# Best Tire For 200Sx 15" wheels?



## T200Sx (Jan 17, 2005)

Well I'm gettin some 15's for my car and I know they'll be 205 wide but im not sure about sidewall? Also what is the best tire to for the 15 I guess it would be the same as the best tire for the Se-R..So please help. For the tire im looking for somthing that rides decent.. Not really that big of a deal to me, but i would like them to last nothing like those 10k tires they sell thanks guys


----------



## Zac (Mar 10, 2004)

YOKOHAMA AVID V4S!!!!!!!!!!!!!!!!!!!!!!!!!!
500 tread wear rating meaning you could get upwards of 100k miles. great handling and overall a very well built tyre.

http://www.tirerack.com/tires/tires...arch=false&partnum=055VR5V4S&fromCompare1=yes

and oh yea, like 70 bucks a pop


----------



## zlr101 (Nov 17, 2003)

I liked the kuhmo 712 they were cheap and worked nice on my 240sx.


----------



## T200Sx (Jan 17, 2005)

NickZac said:


> YOKOHAMA AVID V4S!!!!!!!!!!!!!!!!!!!!!!!!!!
> 500 tread wear rating meaning you could get upwards of 100k miles. great handling and overall a very well built tyre.
> 
> http://www.tirerack.com/tires/tires...arch=false&partnum=055VR5V4S&fromCompare1=yes
> ...


Sounds good to me i'll be getting those now  they should cost me around 55 through my work even better :thumbup: but what size sidewall should i get with the 15" rim?


----------



## Zac (Mar 10, 2004)

T200Sx said:


> Sounds good to me i'll be getting those now  they should cost me around 55 through my work even better :thumbup: but what size sidewall should i get with the 15" rim?

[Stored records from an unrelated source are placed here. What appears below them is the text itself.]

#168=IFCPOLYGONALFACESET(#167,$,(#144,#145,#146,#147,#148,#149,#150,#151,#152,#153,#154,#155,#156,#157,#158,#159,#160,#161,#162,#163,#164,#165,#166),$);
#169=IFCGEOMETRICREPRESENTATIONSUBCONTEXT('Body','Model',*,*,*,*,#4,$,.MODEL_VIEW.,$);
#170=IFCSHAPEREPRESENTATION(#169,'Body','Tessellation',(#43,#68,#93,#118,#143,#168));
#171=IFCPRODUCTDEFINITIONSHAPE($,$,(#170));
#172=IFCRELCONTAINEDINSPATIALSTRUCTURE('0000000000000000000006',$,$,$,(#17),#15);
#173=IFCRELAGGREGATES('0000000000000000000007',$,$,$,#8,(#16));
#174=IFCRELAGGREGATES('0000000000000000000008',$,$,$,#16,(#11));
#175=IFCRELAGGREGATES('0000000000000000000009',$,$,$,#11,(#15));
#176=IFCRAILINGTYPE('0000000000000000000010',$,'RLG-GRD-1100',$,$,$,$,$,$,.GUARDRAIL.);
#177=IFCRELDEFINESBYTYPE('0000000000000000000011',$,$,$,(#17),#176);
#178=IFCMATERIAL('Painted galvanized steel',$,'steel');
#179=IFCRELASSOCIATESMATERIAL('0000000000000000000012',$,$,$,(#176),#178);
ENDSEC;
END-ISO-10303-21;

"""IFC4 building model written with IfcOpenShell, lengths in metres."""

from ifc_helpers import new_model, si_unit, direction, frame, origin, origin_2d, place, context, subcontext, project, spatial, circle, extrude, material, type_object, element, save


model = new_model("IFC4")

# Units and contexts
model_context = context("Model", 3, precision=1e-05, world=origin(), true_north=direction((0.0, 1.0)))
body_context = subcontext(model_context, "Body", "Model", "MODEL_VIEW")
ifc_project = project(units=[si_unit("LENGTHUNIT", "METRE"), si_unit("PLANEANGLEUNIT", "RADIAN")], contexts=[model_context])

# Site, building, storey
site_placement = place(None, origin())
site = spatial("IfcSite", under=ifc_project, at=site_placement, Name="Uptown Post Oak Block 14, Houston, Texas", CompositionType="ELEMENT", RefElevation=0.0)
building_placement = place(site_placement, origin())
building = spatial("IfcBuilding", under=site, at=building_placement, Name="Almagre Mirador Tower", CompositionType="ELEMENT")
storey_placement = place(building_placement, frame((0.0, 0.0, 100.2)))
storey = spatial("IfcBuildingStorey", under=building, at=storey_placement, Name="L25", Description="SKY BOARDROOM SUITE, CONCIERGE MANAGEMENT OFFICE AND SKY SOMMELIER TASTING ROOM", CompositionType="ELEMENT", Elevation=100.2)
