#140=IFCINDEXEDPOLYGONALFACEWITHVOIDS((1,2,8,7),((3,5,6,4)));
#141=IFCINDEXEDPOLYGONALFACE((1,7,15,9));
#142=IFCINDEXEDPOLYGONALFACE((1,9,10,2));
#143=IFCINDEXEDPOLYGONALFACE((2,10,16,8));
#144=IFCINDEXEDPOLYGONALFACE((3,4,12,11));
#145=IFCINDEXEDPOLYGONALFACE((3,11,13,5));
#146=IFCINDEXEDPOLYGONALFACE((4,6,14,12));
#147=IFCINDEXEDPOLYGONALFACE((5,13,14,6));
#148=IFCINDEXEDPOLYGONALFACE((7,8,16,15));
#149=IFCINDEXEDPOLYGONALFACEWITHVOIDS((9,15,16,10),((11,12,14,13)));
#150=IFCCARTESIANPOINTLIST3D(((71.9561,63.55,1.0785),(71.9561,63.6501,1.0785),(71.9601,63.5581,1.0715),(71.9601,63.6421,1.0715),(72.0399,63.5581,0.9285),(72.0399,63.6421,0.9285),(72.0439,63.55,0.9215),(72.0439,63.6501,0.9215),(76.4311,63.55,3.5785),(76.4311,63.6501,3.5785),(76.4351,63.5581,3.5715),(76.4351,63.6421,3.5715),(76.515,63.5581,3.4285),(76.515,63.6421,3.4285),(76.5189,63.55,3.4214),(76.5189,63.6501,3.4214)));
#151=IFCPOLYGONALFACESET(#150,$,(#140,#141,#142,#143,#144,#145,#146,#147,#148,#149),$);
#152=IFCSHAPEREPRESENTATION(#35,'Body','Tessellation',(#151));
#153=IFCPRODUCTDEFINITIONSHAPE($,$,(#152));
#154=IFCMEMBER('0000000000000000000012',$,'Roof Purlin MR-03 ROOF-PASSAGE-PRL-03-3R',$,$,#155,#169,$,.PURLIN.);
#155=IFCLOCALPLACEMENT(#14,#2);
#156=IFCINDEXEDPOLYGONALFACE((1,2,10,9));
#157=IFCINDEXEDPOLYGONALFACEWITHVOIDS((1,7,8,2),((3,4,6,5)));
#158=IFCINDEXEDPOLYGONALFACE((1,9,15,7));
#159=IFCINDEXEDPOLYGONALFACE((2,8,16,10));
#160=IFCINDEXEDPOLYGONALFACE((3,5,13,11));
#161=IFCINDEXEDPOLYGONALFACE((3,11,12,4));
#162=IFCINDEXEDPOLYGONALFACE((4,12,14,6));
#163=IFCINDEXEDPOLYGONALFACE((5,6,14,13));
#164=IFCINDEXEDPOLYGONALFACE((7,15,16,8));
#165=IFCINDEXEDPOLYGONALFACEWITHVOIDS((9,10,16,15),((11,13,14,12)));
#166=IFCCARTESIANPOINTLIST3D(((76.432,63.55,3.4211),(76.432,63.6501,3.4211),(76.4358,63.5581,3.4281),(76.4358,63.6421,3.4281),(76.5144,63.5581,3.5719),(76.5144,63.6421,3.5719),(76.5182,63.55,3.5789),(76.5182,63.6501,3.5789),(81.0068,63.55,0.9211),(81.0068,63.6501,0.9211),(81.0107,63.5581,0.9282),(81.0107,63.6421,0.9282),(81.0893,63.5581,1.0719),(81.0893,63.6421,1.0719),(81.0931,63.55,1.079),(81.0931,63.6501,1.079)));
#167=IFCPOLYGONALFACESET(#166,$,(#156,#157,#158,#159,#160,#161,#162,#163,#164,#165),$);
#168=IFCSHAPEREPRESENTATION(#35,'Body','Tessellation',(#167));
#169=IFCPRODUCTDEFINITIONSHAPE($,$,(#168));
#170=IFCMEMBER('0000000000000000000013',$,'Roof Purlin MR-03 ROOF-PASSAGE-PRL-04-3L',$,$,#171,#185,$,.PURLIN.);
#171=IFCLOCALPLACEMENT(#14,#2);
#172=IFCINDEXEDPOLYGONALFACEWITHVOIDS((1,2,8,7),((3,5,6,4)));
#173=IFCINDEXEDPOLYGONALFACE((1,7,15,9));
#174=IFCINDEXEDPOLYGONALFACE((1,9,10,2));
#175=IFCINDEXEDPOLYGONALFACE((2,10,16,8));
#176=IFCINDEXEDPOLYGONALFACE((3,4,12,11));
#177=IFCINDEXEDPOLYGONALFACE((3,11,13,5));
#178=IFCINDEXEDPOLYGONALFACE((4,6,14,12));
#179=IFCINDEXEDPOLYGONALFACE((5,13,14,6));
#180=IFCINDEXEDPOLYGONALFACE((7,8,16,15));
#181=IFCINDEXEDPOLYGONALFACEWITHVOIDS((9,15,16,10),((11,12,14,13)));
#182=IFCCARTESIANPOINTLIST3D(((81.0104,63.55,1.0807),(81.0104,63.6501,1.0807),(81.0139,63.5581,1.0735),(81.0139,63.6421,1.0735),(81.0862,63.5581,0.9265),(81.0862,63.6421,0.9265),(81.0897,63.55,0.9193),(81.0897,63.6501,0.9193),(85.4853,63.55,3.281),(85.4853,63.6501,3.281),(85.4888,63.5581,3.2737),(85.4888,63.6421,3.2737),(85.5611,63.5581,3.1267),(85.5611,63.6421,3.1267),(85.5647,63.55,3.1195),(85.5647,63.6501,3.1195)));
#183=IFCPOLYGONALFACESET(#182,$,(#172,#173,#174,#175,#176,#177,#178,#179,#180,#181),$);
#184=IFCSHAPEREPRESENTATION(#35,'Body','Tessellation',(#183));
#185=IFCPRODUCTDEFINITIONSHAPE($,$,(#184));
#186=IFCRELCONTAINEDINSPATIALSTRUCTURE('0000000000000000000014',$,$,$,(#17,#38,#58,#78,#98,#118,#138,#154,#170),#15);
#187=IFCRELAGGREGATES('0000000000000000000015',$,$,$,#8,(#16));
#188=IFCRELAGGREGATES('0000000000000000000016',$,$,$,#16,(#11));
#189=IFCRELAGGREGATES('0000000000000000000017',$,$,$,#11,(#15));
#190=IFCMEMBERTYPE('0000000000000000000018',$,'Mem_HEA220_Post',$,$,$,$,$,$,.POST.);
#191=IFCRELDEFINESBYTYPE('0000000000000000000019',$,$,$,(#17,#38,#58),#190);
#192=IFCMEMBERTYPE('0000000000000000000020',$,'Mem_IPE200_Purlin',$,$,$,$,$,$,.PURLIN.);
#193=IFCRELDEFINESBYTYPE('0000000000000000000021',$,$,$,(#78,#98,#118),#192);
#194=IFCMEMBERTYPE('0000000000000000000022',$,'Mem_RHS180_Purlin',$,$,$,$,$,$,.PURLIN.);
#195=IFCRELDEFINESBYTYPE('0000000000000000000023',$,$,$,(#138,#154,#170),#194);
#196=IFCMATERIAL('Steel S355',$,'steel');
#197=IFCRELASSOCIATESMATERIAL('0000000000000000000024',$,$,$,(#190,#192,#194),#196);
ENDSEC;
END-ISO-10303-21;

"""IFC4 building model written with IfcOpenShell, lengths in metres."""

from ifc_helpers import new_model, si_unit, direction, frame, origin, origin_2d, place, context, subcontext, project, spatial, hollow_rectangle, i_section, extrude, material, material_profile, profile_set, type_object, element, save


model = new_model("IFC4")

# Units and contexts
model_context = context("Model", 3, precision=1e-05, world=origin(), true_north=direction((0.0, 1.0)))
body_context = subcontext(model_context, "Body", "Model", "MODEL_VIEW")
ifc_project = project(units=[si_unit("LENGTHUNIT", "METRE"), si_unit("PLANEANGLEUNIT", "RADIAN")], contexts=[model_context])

I just selected 55 because it is a relatively standard size. I dont own a B14 so I cant tell ya for sure but I'm sure someone else will. Goodluck!


----------



## black_ser95 (Mar 19, 2004)

i have 205/50/15 yokohama's


----------



## T200Sx (Jan 17, 2005)

you like them? where'd you get them in a 50?


----------



## IanH (Feb 11, 2003)

T200Sx said:


> you like them? where'd you get them in a 50?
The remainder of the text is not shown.